64 bit regs in 32 bit mode

[vandelay]

Accesses to 32 bit regs are supposed to clear the upper 32 bits of a 64 bit reg, right? e.g. writing EAX would clear the upper 32 bits of RAX. Does this apply to implicit writes too? e.g. if you do a SCAS or MOVS which modifies EDI or ESI, does that clear out the upper 32 bits of RDI or RSI?

[Tedd]

Test it and let us know :wink

[vandelay]

Sure. So when I can expect the 64 bit chip you're mailing me? :p

[P1]

That's like saying, mov ax, 0 then eax the upper 16 bits is cleared.

It does not works that way.

Regards,  P1  :8)

[Ian_B]

Sure. So when I can expect the 64 bit chip you're mailing me? :p

If you only owned and maintained a Ford coupé, would you normally ask a mechanic how to change the turbocharger on a Lamborghini?  ::)

IanB

[manhattan]

According to the documentation the full register is updated.

http://developer.amd.com/documentation.aspx

AMD also has a forum on 64-bit

http://devforums.amd.com/index.php

[PBrennick]

I prefer my Lamborghini with clam sauce, how about you?

Paul

[P1]

According to the documentation the full register is updated.

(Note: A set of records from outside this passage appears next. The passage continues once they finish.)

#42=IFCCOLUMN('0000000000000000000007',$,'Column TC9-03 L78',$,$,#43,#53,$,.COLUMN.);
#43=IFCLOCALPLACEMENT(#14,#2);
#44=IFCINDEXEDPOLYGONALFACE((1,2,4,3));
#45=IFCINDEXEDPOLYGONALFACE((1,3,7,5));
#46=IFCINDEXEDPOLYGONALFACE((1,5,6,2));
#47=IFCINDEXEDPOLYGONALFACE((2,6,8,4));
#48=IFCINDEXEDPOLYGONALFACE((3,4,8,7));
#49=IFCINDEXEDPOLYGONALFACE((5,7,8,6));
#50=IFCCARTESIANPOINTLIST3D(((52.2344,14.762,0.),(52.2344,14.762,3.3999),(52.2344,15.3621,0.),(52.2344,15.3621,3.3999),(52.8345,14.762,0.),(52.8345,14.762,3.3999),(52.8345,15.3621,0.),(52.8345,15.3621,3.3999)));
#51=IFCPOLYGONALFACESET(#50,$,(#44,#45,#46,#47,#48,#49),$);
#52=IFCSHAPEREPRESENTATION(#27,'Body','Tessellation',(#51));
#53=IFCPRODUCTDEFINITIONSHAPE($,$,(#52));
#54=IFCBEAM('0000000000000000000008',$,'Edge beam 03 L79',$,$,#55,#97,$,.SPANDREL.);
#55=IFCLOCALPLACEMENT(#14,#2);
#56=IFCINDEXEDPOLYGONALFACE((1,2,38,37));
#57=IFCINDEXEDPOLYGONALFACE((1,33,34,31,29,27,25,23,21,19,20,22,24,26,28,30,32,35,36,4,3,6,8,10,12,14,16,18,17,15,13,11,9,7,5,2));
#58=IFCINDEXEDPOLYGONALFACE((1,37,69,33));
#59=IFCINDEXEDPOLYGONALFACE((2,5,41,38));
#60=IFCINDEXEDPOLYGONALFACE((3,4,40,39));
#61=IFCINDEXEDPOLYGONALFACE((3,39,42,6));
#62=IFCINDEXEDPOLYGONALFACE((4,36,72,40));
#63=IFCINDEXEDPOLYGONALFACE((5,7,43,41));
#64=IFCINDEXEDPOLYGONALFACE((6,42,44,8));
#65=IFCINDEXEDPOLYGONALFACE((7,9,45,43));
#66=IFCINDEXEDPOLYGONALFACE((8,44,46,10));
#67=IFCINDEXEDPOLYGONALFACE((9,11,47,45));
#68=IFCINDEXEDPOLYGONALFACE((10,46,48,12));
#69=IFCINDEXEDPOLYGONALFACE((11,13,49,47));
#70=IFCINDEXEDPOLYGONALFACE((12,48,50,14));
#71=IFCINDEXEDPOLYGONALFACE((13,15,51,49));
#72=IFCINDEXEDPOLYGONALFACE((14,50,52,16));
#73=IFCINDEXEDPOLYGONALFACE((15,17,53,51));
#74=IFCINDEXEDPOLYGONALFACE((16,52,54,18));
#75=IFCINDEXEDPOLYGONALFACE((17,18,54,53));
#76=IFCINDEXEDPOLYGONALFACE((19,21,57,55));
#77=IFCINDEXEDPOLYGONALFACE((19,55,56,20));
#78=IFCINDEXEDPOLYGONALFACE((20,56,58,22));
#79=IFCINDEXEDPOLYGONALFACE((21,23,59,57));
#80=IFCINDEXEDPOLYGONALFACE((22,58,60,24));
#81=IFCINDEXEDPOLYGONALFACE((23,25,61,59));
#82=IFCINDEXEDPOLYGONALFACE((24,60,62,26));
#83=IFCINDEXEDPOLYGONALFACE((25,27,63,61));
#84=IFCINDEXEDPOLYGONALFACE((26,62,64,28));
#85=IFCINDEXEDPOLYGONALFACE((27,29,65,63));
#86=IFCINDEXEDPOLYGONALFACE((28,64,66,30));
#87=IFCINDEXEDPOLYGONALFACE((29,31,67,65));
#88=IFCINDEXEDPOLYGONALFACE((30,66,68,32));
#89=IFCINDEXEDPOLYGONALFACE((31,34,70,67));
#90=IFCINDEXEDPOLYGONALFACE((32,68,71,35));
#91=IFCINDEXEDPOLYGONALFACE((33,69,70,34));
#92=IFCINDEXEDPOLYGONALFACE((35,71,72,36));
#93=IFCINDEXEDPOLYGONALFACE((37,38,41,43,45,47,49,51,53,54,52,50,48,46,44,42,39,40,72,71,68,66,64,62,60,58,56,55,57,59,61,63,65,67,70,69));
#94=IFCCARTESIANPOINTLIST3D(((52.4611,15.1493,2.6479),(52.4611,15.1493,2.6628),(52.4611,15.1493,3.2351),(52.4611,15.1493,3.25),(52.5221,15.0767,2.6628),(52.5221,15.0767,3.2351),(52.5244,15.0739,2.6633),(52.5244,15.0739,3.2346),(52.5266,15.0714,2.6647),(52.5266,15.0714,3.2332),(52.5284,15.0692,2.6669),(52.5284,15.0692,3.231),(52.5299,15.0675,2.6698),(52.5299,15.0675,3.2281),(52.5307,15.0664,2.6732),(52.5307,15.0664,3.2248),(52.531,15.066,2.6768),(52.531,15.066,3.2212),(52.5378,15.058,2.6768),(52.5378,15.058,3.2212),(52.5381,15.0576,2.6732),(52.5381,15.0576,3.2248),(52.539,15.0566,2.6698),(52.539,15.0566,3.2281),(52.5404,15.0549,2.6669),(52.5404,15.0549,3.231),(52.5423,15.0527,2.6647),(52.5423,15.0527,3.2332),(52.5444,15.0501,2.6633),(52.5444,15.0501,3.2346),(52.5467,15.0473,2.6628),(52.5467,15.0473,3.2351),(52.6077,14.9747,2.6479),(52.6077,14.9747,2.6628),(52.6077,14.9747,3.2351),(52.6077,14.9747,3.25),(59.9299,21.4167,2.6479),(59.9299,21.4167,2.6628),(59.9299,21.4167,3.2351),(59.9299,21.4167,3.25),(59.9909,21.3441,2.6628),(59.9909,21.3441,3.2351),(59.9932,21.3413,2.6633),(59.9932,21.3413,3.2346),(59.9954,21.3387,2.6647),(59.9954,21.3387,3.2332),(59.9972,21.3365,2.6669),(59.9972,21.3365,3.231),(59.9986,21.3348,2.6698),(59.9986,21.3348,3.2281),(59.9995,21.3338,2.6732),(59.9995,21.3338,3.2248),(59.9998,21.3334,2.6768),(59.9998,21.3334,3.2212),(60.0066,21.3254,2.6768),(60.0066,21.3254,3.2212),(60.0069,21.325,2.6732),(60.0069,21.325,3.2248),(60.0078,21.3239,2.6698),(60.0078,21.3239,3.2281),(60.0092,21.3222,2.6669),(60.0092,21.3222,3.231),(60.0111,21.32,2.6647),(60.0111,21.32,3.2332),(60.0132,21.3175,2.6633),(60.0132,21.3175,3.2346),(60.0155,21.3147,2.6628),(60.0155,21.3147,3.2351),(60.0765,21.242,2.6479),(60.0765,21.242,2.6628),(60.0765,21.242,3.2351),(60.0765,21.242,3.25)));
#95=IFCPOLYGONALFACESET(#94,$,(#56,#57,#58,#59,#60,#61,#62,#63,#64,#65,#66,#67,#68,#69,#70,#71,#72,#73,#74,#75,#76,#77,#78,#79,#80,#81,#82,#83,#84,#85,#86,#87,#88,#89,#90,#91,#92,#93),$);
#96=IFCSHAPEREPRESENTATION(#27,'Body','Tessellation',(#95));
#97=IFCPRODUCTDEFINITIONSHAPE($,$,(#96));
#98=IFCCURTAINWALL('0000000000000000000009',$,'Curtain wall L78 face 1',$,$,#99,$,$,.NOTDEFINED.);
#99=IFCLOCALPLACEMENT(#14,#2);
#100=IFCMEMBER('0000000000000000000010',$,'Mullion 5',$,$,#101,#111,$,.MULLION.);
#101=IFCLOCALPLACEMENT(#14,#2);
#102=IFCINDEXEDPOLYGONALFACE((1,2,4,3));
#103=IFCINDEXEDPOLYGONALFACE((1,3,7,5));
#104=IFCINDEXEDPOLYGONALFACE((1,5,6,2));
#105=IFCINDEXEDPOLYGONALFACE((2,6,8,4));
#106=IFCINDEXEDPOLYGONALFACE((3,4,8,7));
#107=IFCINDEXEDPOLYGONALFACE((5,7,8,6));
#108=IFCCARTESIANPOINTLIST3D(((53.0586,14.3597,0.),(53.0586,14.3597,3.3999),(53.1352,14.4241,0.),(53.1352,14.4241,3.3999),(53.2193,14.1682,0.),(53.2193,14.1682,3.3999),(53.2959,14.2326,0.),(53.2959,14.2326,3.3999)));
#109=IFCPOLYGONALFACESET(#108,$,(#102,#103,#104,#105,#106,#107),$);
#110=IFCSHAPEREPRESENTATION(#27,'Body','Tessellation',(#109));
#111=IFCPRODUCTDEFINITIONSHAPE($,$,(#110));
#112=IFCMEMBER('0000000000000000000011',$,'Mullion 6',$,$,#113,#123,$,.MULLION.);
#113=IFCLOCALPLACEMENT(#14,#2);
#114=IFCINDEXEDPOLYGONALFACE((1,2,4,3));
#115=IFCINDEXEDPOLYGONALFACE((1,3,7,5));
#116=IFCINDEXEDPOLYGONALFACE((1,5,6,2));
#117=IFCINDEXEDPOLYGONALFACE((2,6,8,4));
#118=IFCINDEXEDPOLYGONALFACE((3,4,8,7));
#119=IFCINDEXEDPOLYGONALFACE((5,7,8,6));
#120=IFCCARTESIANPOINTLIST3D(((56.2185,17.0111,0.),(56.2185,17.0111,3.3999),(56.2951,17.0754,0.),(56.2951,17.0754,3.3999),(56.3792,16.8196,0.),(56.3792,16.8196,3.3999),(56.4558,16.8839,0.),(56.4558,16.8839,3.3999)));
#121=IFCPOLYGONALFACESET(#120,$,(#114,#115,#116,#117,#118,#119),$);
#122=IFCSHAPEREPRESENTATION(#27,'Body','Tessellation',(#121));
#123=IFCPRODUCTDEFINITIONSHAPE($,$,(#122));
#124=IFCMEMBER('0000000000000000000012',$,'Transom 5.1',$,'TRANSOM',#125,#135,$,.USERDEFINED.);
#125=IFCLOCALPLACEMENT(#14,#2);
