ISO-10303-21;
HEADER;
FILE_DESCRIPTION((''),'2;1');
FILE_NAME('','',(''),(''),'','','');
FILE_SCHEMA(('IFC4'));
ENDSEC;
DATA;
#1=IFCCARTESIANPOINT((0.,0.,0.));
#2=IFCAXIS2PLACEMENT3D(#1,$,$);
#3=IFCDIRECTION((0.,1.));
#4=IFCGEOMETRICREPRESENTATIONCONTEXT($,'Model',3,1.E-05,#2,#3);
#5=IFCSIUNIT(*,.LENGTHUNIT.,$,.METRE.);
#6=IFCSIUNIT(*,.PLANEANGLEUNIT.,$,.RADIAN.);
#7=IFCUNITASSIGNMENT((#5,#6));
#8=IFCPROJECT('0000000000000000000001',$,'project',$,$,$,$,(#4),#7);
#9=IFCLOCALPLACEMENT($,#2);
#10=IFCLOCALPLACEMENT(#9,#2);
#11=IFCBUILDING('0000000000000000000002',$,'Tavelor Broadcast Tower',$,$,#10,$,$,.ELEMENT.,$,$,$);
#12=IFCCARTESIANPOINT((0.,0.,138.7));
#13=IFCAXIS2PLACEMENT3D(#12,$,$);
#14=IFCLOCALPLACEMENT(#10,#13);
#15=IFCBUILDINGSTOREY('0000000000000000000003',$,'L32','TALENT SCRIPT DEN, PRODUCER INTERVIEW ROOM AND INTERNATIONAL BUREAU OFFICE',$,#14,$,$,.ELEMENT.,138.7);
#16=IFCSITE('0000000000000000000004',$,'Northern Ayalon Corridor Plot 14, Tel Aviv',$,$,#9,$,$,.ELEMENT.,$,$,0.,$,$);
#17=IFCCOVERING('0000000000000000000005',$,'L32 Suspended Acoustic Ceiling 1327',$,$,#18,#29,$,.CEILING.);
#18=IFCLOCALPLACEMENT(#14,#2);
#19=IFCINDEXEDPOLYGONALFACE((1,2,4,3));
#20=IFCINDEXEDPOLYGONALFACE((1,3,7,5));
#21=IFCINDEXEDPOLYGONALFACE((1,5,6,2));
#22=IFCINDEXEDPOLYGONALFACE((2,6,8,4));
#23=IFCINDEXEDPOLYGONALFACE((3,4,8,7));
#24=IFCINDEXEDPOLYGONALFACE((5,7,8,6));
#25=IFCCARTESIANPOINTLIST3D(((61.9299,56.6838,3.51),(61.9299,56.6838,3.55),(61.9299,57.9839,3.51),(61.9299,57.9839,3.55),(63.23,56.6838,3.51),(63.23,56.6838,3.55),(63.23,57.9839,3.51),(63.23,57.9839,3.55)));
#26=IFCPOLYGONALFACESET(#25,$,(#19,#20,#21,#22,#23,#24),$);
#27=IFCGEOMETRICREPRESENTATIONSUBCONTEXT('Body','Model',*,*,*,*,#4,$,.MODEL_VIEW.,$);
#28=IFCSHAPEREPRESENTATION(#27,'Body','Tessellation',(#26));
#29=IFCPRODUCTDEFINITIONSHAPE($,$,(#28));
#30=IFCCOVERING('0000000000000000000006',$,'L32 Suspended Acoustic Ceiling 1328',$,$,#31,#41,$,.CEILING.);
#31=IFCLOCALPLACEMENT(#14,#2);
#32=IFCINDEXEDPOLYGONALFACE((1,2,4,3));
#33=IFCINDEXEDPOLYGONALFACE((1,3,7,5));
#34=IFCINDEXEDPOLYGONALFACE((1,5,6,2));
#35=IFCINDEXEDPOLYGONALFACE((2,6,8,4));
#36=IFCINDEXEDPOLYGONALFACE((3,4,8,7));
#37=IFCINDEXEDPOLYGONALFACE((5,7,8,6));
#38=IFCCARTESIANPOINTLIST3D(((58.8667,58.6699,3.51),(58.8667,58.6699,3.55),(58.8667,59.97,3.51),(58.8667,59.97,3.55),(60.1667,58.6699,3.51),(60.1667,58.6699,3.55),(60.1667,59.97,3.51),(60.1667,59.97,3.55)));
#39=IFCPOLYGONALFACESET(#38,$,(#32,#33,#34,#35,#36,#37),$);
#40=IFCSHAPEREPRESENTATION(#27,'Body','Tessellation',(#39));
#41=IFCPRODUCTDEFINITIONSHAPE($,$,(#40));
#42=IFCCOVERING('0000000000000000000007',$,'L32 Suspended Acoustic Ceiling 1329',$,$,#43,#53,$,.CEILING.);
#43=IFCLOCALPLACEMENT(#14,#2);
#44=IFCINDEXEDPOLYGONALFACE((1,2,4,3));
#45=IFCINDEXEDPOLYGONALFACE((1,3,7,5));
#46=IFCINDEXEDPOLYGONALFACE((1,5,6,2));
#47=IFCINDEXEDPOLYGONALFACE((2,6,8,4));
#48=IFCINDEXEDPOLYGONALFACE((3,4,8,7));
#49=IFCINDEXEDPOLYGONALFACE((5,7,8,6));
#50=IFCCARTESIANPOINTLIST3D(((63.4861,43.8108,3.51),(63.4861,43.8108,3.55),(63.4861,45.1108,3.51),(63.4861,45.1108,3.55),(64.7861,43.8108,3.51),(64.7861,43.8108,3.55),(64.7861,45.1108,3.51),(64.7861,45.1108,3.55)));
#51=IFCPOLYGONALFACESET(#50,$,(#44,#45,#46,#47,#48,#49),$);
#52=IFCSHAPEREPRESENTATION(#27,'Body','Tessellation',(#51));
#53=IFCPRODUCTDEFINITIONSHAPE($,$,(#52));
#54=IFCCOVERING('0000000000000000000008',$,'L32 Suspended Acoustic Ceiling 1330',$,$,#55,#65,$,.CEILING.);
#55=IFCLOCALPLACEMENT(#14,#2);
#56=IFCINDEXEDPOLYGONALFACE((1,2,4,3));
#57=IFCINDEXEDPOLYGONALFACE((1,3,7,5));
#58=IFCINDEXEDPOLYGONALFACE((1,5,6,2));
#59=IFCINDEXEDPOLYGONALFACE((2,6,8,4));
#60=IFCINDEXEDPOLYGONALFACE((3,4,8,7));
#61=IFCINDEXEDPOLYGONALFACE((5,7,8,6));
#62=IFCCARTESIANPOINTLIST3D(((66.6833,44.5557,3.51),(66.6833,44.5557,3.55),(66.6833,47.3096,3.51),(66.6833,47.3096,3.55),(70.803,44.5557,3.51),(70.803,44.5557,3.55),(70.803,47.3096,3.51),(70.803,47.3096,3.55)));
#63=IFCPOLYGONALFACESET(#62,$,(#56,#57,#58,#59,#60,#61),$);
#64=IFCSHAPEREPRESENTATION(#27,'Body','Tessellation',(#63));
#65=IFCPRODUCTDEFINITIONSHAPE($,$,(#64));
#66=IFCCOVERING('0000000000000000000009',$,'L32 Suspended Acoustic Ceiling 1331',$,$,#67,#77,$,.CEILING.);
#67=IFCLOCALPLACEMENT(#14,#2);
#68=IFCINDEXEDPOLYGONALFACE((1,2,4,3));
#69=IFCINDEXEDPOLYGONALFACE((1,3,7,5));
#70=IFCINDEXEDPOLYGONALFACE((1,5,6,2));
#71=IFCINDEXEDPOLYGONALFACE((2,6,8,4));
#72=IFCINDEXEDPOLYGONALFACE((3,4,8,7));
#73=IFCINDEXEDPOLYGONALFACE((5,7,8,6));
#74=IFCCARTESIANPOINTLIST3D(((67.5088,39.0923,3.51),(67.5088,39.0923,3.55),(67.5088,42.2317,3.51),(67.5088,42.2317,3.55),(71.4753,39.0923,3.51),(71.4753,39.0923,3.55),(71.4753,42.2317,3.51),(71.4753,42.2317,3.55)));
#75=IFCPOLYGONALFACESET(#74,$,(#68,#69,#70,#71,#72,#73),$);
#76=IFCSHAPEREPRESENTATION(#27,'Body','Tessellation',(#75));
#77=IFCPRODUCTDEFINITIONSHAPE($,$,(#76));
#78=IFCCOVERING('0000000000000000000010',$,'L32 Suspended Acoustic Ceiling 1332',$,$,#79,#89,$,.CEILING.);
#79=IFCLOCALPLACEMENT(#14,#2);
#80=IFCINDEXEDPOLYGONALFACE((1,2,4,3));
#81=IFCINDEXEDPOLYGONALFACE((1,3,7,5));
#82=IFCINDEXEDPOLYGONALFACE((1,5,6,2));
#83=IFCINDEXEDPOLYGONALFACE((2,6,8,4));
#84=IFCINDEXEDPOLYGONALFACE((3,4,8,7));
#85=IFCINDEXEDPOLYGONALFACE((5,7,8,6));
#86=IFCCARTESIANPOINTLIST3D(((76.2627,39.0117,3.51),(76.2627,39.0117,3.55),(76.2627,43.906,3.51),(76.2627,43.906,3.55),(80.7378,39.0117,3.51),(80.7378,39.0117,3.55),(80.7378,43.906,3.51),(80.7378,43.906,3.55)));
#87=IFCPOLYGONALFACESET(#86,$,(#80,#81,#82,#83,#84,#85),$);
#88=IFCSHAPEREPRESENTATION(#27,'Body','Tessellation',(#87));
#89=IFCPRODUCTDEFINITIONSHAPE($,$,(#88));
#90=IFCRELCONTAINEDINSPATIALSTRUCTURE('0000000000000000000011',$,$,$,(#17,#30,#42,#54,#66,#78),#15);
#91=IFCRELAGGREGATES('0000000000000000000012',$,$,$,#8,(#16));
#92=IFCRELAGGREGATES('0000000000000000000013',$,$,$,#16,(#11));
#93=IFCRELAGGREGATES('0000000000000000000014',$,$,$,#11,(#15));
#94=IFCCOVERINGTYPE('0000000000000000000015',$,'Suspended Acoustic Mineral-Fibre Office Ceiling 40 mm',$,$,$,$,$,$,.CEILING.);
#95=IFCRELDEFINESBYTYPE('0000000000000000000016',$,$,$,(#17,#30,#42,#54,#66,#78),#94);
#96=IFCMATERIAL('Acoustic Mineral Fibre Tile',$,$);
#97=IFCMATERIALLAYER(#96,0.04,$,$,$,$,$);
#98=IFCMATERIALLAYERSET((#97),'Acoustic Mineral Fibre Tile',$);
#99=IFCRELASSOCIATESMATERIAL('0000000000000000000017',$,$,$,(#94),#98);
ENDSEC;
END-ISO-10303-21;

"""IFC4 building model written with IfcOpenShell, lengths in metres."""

from ifc_helpers import new_model, si_unit, direction, frame, origin, place, context, subcontext, project, spatial, polyline, outline, extrude, material, layer, layer_set, type_object, element, save


model = new_model("IFC4")

# Units and contexts
model_context = context("Model", 3, precision=1e-05, world=origin(), true_north=direction((0.0, 1.0)))
body_context = subcontext(model_context, "Body", "Model", "MODEL_VIEW")
ifc_project = project(units=[si_unit("LENGTHUNIT", "METRE"), si_unit("PLANEANGLEUNIT", "RADIAN")], contexts=[model_context])

# Site, building, storey
site_placement = place(None, origin())
site = spatial("IfcSite", under=ifc_project, at=site_placement, Name="Northern Ayalon Corridor Plot 14, Tel Aviv", CompositionType="ELEMENT", RefElevation=0.0)
building_placement = place(site_placement, origin())
building = spatial("IfcBuilding", under=site, at=building_placement, Name="Tavelor Broadcast Tower", CompositionType="ELEMENT")
storey_placement = place(building_placement, frame((0.0, 0.0, 138.7)))
storey = spatial("IfcBuildingStorey", under=building, at=storey_placement, Name="L32", Description="TALENT SCRIPT DEN, PRODUCER INTERVIEW ROOM AND INTERNATIONAL BUREAU OFFICE", CompositionType="ELEMENT", Elevation=138.7)

# Coverings
ifc_material_1 = material(Name="Acoustic Mineral Fibre Tile")
ifc_layer_1 = layer(ifc_material_1, 0.04)
ifc_layer_set_1 = layer_set([ifc_layer_1], Name="Acoustic Mineral Fibre Tile")
covering_type_1 = type_object("IfcCoveringType", Name="Suspended Acoustic Mineral-Fibre Office Ceiling 40 mm", PredefinedType="CEILING", material=ifc_layer_set_1)
covering_1_placement = place(storey_placement, frame((0.0, 0.0, 3.51)))
element("IfcCovering", 1, at=covering_1_placement, inside=storey, type_object=covering_type_1, Name="L32 Suspended Acoustic Ceiling 1327", PredefinedType="CEILING", context=body_context, shape_type="SweptSolid", body=[
    extrude(outline(polyline([(61.9299, 56.6838), (63.23, 56.6838), (63.23, 57.9839), (61.9299, 57.9839), (61.9299, 56.6838)])), origin(), (0.0, 0.0, 1.0), 0.04),
])
covering_2_placement = place(storey_placement, frame((0.0, 0.0, 3.51)))
element("IfcCovering", 2, at=covering_2_placement, inside=storey, type_object=covering_type_1, Name="L32 Suspended Acoustic Ceiling 1328", PredefinedType="CEILING", context=body_context, shape_type="SweptSolid", body=[
    extrude(outline(polyline([(58.8667, 58.6699), (60.1667, 58.6699), (60.1667, 59.97), (58.8667, 59.97), (58.8667, 58.6699)])), origin(), (0.0, 0.0, 1.0), 0.04),
])
covering_3_placement = place(storey_placement, frame((0.0, 0.0, 3.51)))
element("IfcCovering", 3, at=covering_3_placement, inside=storey, type_object=covering_type_1, Name="L32 Suspended Acoustic Ceiling 1329", PredefinedType="CEILING", context=body_context, shape_type="SweptSolid", body=[
    extrude(outline(polyline([(63.4861, 43.8108), (64.7861, 43.8108), (64.7861, 45.1108), (63.4861, 45.1108), (63.4861, 43.8108)])), origin(), (0.0, 0.0, 1.0), 0.04),
])
covering_4_placement = place(storey_placement, frame((0.0, 0.0, 3.51)))
element("IfcCovering", 4, at=covering_4_placement, inside=storey, type_object=covering_type_1, Name="L32 Suspended Acoustic Ceiling 1330", PredefinedType="CEILING", context=body_context, shape_type="SweptSolid", body=[
    extrude(outline(polyline([(66.6833, 44.5557), (70.803, 44.5557), (70.803, 47.3096), (66.6833, 47.3096), (66.6833, 44.5557)])), origin(), (0.0, 0.0, 1.0), 0.04),
])
covering_5_placement = place(storey_placement, frame((0.0, 0.0, 3.51)))
element("IfcCovering", 5, at=covering_5_placement, inside=storey, type_object=covering_type_1, Name="L32 Suspended Acoustic Ceiling 1331", PredefinedType="CEILING", context=body_context, shape_type="SweptSolid", body=[
    extrude(outline(polyline([(67.5088, 39.0923), (71.4753, 39.0923), (71.4753, 42.2317), (67.5088, 42.2317), (67.5088, 39.0923)])), origin(), (0.0, 0.0, 1.0), 0.04),
])
covering_6_placement = place(storey_placement, frame((0.0, 0.0, 3.51)))
element("IfcCovering", 6, at=covering_6_placement, inside=storey, type_object=covering_type_1, Name="L32 Suspended Acoustic Ceiling 1332", PredefinedType="CEILING", context=body_context, shape_type="SweptSolid", body=[
    extrude(outline(polyline([(76.2627, 39.0117), (80.7378, 39.0117), (80.7378, 43.906), (76.2627, 43.906), (76.2627, 39.0117)])), origin(), (0.0, 0.0, 1.0), 0.04),
])

save(model, "model.ifc")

Op Code utilization is preserved.  IOW, Opcode is the same for mov eax & rax.  That's AMD's way of doing it.   Intel would not have done it that way.

Regards,  P1  :8)

[MazeGen]

Opcodes are not the same. MOV RAX needs REX.W prefix.

[vandelay]

I have to buy a $200k car before I'm allowed to be curious about how a turbo works? Tough crowd.